Ури Факельман. Ебанулся на хуй, да?
Яся Артельман. Да отъебись ты, блядь, уже.
Ури Факельман. Вертолет, блядь! Вертолет!!! Ты не врубился, да? Ты охуел тут со зверьем своим на хуй и по-человечески понимать перестал, да?
Яся Артельман. Ты хуйню сейчас сказал, дебил.
Ури Факельман. Нет, ты реально охуел. Сучка эта вонючая – с ней понятно, ей тут самое место, оскотинилась и пускай, полевок жрет, я пришел – у нее жареная мышь на палке, я чуть не сблевал. Павлину хвост ободрала, у всех на глазах, мы сидим, пыхаем, она крадется, воняет на три метра, как бросится! Он, сука, еле вырвался, орал! Тоже хочешь павлинов жрать, да?

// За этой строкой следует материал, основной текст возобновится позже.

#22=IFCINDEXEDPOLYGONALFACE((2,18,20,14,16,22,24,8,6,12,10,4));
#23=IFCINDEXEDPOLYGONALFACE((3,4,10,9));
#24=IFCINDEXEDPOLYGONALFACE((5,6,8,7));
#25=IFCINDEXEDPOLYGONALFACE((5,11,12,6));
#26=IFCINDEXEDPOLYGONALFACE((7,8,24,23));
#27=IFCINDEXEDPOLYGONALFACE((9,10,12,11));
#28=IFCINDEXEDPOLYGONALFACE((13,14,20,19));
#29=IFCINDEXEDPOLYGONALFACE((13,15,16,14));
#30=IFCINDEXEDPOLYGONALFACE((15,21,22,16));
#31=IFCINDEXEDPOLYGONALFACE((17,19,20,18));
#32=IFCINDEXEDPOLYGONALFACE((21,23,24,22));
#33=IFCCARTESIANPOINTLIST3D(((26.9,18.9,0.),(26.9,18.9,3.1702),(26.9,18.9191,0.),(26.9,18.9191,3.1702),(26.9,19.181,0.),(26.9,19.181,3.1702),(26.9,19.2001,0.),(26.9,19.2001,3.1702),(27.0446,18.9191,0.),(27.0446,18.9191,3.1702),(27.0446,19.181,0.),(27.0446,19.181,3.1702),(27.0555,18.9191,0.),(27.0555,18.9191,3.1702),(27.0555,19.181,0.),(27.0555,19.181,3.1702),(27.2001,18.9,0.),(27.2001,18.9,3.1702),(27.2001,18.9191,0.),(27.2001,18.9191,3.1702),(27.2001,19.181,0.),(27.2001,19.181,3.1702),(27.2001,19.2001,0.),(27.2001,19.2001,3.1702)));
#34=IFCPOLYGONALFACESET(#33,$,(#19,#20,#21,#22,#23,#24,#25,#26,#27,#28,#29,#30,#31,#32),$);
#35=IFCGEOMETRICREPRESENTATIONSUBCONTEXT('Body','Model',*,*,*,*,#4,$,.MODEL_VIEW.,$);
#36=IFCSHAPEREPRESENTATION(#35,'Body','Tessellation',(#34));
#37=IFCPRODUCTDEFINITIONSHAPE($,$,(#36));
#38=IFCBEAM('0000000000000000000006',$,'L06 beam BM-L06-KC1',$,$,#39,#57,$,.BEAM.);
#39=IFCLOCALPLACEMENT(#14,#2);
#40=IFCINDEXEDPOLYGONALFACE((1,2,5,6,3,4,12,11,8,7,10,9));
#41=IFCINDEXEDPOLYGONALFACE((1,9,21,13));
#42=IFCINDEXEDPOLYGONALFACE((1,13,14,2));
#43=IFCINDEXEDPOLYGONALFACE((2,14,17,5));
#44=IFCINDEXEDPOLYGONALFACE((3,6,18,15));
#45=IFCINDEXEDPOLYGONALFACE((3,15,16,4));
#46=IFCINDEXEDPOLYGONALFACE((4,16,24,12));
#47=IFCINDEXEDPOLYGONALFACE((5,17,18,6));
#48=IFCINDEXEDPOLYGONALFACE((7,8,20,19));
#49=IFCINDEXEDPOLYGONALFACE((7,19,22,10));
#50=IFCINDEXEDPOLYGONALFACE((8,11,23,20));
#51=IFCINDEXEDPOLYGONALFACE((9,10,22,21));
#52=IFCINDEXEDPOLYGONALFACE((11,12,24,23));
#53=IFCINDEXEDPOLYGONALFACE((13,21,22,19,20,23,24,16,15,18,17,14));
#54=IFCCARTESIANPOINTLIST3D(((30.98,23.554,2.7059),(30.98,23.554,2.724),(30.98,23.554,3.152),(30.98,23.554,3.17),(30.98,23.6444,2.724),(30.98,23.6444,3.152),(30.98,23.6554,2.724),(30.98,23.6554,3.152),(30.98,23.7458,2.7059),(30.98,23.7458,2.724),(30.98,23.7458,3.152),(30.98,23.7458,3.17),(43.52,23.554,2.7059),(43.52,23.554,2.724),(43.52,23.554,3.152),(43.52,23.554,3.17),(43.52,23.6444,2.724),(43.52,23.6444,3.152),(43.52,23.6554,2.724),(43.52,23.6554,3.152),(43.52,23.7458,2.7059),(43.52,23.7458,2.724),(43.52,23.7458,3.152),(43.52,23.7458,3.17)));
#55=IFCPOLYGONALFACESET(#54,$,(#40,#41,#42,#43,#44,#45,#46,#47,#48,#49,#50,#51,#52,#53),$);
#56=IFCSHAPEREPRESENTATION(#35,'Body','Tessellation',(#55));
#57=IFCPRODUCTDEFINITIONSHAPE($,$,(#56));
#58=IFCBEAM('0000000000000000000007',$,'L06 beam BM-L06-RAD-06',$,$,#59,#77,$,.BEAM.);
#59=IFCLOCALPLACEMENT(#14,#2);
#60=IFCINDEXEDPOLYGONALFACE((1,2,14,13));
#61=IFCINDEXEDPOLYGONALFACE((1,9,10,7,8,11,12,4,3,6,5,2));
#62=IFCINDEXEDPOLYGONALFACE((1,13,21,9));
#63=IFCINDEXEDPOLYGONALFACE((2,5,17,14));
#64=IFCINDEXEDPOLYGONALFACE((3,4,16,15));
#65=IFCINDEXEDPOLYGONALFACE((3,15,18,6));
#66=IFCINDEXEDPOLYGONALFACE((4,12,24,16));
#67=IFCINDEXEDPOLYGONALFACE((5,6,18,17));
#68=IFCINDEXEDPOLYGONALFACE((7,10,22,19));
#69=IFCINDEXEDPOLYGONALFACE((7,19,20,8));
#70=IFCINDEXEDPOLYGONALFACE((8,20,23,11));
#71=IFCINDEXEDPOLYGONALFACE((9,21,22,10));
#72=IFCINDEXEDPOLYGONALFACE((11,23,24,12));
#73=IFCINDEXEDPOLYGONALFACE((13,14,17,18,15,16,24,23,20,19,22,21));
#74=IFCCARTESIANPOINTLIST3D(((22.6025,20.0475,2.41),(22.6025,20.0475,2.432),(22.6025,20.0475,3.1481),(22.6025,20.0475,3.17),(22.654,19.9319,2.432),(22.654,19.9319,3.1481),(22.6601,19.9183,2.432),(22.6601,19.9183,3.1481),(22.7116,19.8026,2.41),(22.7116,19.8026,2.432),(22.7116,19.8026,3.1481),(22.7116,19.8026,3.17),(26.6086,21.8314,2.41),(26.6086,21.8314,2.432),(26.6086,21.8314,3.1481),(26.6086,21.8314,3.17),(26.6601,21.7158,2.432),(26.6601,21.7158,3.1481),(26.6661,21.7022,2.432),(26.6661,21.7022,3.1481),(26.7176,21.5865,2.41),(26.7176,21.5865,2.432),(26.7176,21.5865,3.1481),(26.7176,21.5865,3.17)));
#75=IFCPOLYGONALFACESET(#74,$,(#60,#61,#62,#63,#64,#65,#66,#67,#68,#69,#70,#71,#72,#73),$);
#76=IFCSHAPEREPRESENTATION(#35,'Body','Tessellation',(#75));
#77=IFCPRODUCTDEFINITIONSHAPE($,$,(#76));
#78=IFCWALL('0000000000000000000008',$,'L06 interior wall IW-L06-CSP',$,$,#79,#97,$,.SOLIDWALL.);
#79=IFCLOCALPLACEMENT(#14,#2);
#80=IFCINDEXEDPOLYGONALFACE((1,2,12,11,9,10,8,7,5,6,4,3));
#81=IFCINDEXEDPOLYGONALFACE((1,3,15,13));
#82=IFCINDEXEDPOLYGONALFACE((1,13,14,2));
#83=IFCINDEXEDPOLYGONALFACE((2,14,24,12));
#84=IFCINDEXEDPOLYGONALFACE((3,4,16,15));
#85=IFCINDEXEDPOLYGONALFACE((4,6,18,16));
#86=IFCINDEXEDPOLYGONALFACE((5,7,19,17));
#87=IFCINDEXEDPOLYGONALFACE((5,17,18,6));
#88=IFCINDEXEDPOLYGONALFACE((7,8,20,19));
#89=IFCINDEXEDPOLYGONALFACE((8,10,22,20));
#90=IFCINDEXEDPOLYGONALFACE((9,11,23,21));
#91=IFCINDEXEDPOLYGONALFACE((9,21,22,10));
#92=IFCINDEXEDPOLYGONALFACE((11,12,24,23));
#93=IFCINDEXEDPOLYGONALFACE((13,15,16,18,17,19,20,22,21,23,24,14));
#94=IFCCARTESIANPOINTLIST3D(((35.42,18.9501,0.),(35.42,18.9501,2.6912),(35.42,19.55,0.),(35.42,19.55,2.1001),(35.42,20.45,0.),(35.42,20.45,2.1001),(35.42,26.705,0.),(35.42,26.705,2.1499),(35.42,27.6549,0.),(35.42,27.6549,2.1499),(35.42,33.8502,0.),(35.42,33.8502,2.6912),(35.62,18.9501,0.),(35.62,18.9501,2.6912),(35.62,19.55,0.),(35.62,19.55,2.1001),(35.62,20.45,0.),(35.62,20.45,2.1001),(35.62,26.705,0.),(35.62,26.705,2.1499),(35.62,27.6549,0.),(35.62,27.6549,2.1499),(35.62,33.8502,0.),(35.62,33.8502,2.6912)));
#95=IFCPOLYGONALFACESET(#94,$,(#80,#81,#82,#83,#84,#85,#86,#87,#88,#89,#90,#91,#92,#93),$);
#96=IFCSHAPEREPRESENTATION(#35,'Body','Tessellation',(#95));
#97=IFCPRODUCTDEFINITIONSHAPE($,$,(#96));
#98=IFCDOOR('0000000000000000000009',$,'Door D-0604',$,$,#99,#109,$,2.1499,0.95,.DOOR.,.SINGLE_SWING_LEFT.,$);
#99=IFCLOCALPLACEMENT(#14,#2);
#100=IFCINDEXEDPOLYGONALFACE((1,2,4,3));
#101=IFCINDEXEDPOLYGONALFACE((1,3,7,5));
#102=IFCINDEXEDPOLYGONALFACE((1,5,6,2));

Яся Артельман. Уебу сучку на хуй, когда это было? Хуй я ей отдам павлина, он, может, у нас теперь один павлин на всю страну, вот же тварь ебанутая, когда это было? Что павлин? Сетки надо ставить, найти сетки и ставить…
Ури Факельман (опуская руки). Реально, блядь, ебанулся. Павлиний рыцарь, блядь. Артельман, бен-зона сраный, я тебе последний, блядь, раз говорю: вертолет!!!
Яся Артельман. Да отъебись ты уже, блядь!
Шестая-бет. Что такое «отъебись»?
Рав Арик Лилиенблюм. Ну допусти хоть на минуту, что ты действительно гильгуль[139]. Почему тебе так тяжела эта мысль?